Wed Nov 30 02:00 PM -- 04:00 PM (PST) @ Hall J #819
Recent work of Acharya et al.~(NeurIPS 2019) showed how to estimate the entropy of a distribution $\mathcal D$ over an alphabet of size $k$ up to $\pm\epsilon$ additive error by streaming over $(k/\epsilon^3) \cdot \text{polylog}(1/\epsilon)$ i.i.d.\ samples and using only $O(1)$ words of memory.
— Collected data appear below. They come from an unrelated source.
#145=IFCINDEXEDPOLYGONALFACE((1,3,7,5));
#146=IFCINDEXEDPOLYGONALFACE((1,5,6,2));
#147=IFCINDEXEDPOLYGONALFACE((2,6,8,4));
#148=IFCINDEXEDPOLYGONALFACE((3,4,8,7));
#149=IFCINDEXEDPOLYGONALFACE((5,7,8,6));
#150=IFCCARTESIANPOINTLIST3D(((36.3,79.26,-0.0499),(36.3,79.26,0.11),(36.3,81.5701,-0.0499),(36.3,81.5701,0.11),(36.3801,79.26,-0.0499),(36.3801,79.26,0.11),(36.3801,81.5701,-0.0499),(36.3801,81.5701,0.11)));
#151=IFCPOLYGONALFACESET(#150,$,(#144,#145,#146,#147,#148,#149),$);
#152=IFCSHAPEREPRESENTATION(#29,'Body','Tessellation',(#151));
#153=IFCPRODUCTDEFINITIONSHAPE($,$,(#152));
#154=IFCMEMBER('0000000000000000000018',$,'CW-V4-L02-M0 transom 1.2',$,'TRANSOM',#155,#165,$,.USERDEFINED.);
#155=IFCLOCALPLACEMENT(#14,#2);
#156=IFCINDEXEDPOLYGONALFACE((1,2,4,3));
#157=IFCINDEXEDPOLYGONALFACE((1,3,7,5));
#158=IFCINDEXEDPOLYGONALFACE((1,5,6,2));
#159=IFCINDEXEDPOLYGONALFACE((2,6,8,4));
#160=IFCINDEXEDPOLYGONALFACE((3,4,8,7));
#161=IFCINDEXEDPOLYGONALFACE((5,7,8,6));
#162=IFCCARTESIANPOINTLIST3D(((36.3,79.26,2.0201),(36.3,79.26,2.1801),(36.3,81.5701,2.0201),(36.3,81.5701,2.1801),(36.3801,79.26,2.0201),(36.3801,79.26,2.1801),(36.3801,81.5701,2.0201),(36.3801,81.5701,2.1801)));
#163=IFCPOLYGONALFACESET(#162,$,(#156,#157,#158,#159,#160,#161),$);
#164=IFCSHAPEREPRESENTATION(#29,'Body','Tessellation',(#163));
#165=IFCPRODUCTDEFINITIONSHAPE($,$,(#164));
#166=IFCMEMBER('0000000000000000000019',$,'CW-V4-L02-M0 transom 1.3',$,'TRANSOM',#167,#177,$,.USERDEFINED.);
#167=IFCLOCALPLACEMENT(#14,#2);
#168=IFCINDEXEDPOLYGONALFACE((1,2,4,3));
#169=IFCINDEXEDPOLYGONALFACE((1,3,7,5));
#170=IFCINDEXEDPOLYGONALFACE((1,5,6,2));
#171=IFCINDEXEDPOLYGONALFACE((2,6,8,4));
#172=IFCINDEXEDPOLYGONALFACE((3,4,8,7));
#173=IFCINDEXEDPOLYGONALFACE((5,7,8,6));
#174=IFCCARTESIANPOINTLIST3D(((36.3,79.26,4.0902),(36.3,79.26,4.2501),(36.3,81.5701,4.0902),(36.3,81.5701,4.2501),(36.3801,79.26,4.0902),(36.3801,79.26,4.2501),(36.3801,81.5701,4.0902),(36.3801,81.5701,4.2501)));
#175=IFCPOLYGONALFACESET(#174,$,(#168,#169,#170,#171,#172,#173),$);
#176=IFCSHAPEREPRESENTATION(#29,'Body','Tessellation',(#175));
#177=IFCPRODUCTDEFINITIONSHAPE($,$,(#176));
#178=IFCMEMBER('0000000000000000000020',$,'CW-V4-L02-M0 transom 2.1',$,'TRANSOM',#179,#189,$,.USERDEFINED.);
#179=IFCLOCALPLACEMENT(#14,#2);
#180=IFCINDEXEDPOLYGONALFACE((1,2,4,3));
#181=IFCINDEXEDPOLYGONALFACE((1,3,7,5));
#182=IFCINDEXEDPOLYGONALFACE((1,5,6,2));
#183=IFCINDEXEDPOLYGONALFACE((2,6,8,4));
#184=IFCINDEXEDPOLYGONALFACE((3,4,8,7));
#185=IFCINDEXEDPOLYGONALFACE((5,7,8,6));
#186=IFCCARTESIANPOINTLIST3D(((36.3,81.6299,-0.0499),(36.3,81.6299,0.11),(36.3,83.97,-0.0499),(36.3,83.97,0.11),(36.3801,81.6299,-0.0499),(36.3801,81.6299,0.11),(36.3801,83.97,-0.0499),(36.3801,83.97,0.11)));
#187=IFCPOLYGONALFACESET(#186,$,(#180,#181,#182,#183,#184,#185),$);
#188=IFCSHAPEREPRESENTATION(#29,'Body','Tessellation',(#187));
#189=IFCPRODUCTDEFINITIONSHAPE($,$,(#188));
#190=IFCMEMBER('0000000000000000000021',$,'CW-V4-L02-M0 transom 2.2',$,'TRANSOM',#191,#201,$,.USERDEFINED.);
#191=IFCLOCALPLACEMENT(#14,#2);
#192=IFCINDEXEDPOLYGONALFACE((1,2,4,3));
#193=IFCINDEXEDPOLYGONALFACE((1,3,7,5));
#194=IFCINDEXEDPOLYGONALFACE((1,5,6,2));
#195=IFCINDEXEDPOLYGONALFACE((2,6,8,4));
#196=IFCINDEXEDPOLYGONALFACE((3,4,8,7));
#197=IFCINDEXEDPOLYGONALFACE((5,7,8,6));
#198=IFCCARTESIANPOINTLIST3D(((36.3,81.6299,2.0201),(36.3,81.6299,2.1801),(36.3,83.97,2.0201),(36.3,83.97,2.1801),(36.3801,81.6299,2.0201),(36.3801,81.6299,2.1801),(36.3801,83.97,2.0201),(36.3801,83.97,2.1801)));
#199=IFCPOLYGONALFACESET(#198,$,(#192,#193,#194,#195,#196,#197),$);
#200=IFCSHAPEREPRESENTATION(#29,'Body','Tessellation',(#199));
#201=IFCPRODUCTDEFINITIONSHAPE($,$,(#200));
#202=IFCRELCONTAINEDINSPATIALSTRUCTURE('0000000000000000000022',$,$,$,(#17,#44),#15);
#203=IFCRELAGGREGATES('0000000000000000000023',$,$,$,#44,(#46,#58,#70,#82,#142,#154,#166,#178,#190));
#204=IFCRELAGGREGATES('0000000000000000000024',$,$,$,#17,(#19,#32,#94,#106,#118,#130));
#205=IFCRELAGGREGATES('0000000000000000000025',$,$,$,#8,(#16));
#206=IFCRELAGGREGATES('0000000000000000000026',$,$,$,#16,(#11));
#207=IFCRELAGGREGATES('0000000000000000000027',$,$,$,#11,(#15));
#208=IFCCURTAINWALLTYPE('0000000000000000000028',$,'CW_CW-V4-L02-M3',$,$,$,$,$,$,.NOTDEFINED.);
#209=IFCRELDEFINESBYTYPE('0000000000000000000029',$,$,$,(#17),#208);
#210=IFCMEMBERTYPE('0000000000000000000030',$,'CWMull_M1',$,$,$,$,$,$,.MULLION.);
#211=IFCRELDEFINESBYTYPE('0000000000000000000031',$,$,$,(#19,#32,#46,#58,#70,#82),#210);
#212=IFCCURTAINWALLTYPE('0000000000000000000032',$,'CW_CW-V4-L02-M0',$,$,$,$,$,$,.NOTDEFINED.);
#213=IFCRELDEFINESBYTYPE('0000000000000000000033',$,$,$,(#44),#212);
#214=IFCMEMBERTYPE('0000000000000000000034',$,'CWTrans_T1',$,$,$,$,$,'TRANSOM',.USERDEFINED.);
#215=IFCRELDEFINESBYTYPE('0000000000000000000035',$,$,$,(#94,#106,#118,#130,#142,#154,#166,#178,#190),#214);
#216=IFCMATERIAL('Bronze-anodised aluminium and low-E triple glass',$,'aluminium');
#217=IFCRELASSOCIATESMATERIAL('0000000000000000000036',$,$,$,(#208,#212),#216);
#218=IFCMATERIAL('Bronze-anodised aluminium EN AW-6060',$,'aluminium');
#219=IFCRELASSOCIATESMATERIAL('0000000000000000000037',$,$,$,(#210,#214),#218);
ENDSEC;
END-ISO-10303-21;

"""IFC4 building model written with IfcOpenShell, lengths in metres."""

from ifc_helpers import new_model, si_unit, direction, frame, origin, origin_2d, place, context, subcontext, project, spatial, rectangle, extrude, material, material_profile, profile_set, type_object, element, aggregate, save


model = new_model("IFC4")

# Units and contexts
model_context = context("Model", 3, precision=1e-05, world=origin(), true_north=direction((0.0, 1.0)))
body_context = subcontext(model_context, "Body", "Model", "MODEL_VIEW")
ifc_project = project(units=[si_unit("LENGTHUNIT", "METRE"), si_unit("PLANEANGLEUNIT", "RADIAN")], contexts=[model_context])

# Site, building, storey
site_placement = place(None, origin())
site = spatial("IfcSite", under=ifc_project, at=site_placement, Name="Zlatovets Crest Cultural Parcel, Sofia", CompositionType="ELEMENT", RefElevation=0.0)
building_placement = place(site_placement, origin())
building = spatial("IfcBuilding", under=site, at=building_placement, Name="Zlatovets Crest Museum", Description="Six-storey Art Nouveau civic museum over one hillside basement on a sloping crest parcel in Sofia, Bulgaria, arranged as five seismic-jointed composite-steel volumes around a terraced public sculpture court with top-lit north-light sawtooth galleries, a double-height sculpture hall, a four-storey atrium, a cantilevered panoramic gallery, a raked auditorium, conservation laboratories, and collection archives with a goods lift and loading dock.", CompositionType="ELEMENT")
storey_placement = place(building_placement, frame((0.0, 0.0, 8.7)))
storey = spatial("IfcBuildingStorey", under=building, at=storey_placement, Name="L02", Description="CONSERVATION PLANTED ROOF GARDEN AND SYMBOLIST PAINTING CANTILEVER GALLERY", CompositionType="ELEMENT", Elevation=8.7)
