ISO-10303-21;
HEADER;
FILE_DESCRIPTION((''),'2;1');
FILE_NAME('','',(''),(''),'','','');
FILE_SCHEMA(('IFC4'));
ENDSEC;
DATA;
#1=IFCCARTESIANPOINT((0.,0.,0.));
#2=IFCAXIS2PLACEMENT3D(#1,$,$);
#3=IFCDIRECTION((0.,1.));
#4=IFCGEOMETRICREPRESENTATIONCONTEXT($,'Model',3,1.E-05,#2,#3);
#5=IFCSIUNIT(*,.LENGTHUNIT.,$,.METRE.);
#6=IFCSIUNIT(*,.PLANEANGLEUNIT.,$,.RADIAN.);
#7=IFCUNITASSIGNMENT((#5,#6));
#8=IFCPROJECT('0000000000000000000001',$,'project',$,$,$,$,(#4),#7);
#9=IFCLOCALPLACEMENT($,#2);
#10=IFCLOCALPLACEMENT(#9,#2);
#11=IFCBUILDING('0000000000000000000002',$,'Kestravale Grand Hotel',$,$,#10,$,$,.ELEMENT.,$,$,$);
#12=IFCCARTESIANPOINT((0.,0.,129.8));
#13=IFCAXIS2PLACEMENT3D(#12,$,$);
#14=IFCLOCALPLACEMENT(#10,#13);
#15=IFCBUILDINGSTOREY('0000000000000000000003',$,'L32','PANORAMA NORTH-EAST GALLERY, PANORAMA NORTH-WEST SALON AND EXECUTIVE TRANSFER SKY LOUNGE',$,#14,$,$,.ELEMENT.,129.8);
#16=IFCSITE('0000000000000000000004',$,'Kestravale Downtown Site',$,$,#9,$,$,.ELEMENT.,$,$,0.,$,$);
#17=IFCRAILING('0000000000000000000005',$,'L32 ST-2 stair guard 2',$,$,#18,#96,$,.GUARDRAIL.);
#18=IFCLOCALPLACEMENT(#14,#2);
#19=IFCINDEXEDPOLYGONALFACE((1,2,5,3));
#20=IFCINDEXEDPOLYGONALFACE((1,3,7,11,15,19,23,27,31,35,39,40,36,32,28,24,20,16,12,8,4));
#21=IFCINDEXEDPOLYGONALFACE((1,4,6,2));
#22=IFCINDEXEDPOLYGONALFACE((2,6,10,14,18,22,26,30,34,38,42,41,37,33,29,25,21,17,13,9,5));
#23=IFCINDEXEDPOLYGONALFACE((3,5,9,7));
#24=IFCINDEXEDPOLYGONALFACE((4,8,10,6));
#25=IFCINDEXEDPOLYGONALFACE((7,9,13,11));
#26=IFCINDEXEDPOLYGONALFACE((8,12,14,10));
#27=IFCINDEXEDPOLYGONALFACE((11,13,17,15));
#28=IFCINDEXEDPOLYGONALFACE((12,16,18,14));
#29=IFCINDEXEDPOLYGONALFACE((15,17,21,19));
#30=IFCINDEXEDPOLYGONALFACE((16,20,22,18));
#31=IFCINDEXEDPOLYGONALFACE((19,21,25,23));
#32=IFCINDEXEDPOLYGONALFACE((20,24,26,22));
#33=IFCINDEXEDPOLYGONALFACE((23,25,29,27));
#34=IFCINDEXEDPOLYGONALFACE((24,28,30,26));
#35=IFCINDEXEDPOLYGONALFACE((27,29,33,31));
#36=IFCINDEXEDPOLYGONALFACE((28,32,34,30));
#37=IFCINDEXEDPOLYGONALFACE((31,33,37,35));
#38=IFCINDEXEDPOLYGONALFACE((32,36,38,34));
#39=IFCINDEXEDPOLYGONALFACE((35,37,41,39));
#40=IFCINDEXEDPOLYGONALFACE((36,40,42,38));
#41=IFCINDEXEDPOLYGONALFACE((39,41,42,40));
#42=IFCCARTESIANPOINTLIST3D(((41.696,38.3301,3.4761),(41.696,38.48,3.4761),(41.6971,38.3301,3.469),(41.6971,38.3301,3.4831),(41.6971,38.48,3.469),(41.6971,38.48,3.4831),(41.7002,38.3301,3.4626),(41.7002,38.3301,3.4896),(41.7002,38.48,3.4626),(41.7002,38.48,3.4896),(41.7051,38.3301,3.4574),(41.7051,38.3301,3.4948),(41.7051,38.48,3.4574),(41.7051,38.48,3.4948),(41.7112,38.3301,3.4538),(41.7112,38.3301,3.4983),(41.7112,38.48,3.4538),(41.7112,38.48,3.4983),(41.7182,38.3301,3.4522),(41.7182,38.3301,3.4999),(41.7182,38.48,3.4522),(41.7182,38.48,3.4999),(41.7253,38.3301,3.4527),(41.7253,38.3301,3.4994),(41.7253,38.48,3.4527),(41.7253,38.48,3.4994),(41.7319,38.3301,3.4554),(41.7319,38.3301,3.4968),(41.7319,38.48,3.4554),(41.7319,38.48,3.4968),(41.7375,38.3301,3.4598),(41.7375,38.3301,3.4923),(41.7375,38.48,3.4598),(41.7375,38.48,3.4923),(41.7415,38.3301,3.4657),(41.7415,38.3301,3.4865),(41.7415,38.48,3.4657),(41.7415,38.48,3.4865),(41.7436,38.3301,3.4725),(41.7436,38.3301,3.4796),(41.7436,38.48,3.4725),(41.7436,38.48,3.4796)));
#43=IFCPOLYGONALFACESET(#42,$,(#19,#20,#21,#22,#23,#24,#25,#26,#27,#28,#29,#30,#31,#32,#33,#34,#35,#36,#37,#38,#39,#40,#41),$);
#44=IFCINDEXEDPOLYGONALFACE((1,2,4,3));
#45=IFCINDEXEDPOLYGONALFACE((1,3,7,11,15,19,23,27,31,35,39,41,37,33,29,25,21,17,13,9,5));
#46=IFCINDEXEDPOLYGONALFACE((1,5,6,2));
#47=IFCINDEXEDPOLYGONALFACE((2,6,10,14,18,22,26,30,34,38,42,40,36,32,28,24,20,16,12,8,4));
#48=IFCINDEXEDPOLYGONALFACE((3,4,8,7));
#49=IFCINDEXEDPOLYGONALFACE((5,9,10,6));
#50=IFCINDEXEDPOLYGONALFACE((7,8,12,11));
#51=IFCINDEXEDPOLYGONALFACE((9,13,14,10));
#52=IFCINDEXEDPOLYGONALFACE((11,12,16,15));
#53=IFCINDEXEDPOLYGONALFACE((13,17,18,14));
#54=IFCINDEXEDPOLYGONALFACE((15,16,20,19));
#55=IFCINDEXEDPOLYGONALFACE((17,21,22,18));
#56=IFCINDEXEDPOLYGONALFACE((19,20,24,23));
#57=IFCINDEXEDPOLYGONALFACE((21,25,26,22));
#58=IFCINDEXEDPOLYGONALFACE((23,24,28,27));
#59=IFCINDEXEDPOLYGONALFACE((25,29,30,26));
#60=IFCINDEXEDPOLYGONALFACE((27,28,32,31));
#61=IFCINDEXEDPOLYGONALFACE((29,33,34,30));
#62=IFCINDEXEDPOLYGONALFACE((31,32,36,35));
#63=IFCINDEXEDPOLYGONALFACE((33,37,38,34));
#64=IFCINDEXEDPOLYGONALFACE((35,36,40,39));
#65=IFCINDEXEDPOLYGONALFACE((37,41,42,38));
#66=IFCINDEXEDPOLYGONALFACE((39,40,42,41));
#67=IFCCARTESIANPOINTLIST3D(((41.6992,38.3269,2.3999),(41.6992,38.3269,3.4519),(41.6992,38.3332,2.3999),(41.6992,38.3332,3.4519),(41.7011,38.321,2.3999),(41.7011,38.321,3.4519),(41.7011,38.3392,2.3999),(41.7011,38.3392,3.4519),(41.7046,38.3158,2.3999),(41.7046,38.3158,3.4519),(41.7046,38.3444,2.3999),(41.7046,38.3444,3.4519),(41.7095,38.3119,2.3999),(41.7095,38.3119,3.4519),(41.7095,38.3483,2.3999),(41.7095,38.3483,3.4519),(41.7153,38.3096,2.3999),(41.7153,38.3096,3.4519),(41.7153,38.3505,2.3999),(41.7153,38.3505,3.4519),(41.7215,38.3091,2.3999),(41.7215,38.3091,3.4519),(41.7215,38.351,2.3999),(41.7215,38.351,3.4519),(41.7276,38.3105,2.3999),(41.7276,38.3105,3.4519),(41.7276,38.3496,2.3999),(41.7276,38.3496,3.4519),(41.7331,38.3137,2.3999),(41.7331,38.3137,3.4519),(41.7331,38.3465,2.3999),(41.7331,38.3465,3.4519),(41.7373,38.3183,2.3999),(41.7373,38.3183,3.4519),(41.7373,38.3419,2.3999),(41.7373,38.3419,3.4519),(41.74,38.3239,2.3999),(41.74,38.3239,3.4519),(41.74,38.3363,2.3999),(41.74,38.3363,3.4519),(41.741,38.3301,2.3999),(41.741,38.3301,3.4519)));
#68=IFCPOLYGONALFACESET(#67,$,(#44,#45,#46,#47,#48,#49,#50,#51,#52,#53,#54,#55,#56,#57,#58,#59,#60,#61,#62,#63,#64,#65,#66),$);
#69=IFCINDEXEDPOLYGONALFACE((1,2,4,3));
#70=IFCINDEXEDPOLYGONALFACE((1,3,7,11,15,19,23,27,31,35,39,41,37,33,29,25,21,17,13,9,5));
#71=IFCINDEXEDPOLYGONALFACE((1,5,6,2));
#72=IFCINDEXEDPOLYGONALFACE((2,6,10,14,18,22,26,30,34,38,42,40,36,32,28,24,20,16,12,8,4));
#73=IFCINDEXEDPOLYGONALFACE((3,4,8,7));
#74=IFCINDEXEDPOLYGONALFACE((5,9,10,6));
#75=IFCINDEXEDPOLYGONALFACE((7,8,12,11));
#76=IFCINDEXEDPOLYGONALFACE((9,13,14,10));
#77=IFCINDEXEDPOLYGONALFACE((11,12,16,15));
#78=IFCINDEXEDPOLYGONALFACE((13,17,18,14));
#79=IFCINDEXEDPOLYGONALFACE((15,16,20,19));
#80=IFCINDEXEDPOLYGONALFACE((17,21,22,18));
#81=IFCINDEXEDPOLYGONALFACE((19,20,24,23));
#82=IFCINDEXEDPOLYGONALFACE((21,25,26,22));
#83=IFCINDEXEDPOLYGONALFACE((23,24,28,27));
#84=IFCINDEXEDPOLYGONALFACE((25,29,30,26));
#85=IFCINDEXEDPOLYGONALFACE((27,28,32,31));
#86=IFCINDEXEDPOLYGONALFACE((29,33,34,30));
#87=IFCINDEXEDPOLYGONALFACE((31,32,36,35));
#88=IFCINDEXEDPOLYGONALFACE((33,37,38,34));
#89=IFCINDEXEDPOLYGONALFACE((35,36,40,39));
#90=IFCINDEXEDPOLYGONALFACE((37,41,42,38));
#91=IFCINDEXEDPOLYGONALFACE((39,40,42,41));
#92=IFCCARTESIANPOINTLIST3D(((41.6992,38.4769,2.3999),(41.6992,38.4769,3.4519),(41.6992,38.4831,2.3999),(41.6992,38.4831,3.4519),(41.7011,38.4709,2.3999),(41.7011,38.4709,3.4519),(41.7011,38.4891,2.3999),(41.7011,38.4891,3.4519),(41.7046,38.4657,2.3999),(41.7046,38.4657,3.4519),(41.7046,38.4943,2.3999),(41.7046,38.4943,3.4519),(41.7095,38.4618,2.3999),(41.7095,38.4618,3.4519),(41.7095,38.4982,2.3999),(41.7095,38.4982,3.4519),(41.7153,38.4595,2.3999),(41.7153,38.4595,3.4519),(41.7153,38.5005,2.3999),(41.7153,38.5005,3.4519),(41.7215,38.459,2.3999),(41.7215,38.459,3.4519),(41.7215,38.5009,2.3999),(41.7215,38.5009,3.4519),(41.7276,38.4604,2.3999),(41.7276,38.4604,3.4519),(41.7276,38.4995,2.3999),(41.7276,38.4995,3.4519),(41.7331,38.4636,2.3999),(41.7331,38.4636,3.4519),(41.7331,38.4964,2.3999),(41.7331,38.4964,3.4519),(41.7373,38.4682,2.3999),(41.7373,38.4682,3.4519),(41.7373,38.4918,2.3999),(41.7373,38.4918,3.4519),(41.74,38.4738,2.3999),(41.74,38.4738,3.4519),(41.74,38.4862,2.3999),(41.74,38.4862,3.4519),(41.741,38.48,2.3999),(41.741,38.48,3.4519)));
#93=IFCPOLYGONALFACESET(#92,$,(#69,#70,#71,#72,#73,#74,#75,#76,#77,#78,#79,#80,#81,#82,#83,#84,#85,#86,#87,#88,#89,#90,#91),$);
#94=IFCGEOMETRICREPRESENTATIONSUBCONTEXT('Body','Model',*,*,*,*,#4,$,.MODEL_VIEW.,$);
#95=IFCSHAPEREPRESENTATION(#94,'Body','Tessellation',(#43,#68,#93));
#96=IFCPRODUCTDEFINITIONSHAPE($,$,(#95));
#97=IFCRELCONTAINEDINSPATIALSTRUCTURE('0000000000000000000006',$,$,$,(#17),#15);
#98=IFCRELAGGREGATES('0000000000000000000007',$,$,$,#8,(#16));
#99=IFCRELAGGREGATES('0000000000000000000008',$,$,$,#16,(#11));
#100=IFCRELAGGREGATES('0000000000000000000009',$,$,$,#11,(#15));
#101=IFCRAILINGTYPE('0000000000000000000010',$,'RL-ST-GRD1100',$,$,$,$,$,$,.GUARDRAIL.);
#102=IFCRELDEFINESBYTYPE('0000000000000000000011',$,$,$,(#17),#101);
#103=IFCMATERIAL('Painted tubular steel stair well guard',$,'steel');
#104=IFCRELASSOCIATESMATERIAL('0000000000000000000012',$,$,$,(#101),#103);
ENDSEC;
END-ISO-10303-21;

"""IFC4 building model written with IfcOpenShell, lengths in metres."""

from ifc_helpers import new_model, si_unit, direction, frame, origin, origin_2d, place, context, subcontext, project, spatial, circle, extrude, material, type_object, element, save


model = new_model("IFC4")

# Units and contexts
model_context = context("Model", 3, precision=1e-05, world=origin(), true_north=direction((0.0, 1.0)))
body_context = subcontext(model_context, "Body", "Model", "MODEL_VIEW")
ifc_project = project(units=[si_unit("LENGTHUNIT", "METRE"), si_unit("PLANEANGLEUNIT", "RADIAN")], contexts=[model_context])

# Site, building, storey
site_placement = place(None, origin())
site = spatial("IfcSite", under=ifc_project, at=site_placement, Name="Kestravale Downtown Site", CompositionType="ELEMENT", RefElevation=0.0)
building_placement = place(site_placement, origin())
building = spatial("IfcBuilding", under=site, at=building_placement, Name="Kestravale Grand Hotel", CompositionType="ELEMENT")
storey_placement = place(building_placement, frame((0.0, 0.0, 129.8)))
storey = spatial("IfcBuildingStorey", under=building, at=storey_placement, Name="L32", Description="PANORAMA NORTH-EAST GALLERY, PANORAMA NORTH-WEST SALON AND EXECUTIVE TRANSFER SKY LOUNGE", CompositionType="ELEMENT", Elevation=129.8)

# Railing
ifc_material_1 = material(Name="Painted tubular steel stair well guard", Category="steel")
railing_type_1 = type_object("IfcRailingType", Name="RL-ST-GRD1100", PredefinedType="GUARDRAIL", material=ifc_material_1)
railing_1_placement = place(storey_placement, frame((41.72, 38.3301, 2.3999)))
element("IfcRailing", 1, at=railing_1_placement, inside=storey, type_object=railing_type_1, Name="L32 ST-2 stair guard 2", PredefinedType="GUARDRAIL", context=body_context, shape_type="SweptSolid", body=[
    extrude(circle(Radius=0.0239, at=origin_2d()), frame((0.0, 0.0, 1.0762), z_axis=(0.0, 1.0, 0.0), x_axis=(-1.0, 0.0, 0.0)), (0.0, 0.0, 1.0), 0.1499),
    extrude(circle(Radius=0.021, at=origin_2d()), origin(), (0.0, 0.0, 1.0), 1.052),
    extrude(circle(Radius=0.021, at=origin_2d()), frame((0.0, 0.1499, 0.0)), (0.0, 0.0, 1.0), 1.052),
])

save(model, "model.ifc")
In this work, we give a new constant memory scheme that reduces the sample complexity to $(k/\epsilon^2)\cdot \text{polylog}(1/\epsilon)$. We conjecture that this is optimal up to $\text{polylog}(1/\epsilon)$ factors.

Author Information

Maryam Aliakbarpour (University of Massachusetts, Amherst)
Andrew McGregor (University of Massachusetts Amherst)
Jelani Nelson (UC Berkeley)

Jelani Nelson is a Professor of Electrical Engineering and Computer Sciences at UC Berkeley, and also a Research Scientist at Google (part-time). He is interested in randomized algorithms, sketching and streaming algorithms, dimensionality reduction, and differential privacy. He is a recipient of the ACM Eugene L. Lawler Award for Humanitarian Contributions within Computer Science, a Presidential Early Career Award for Scientist and Engineers (PECASE), and a Sloan Research Fellowship. He is also Founder and President of AddisCoder, Inc., a nonprofit that provides algorithms training to high school students in Ethiopia and Jamaica.

Erik Waingarten (Stanford University)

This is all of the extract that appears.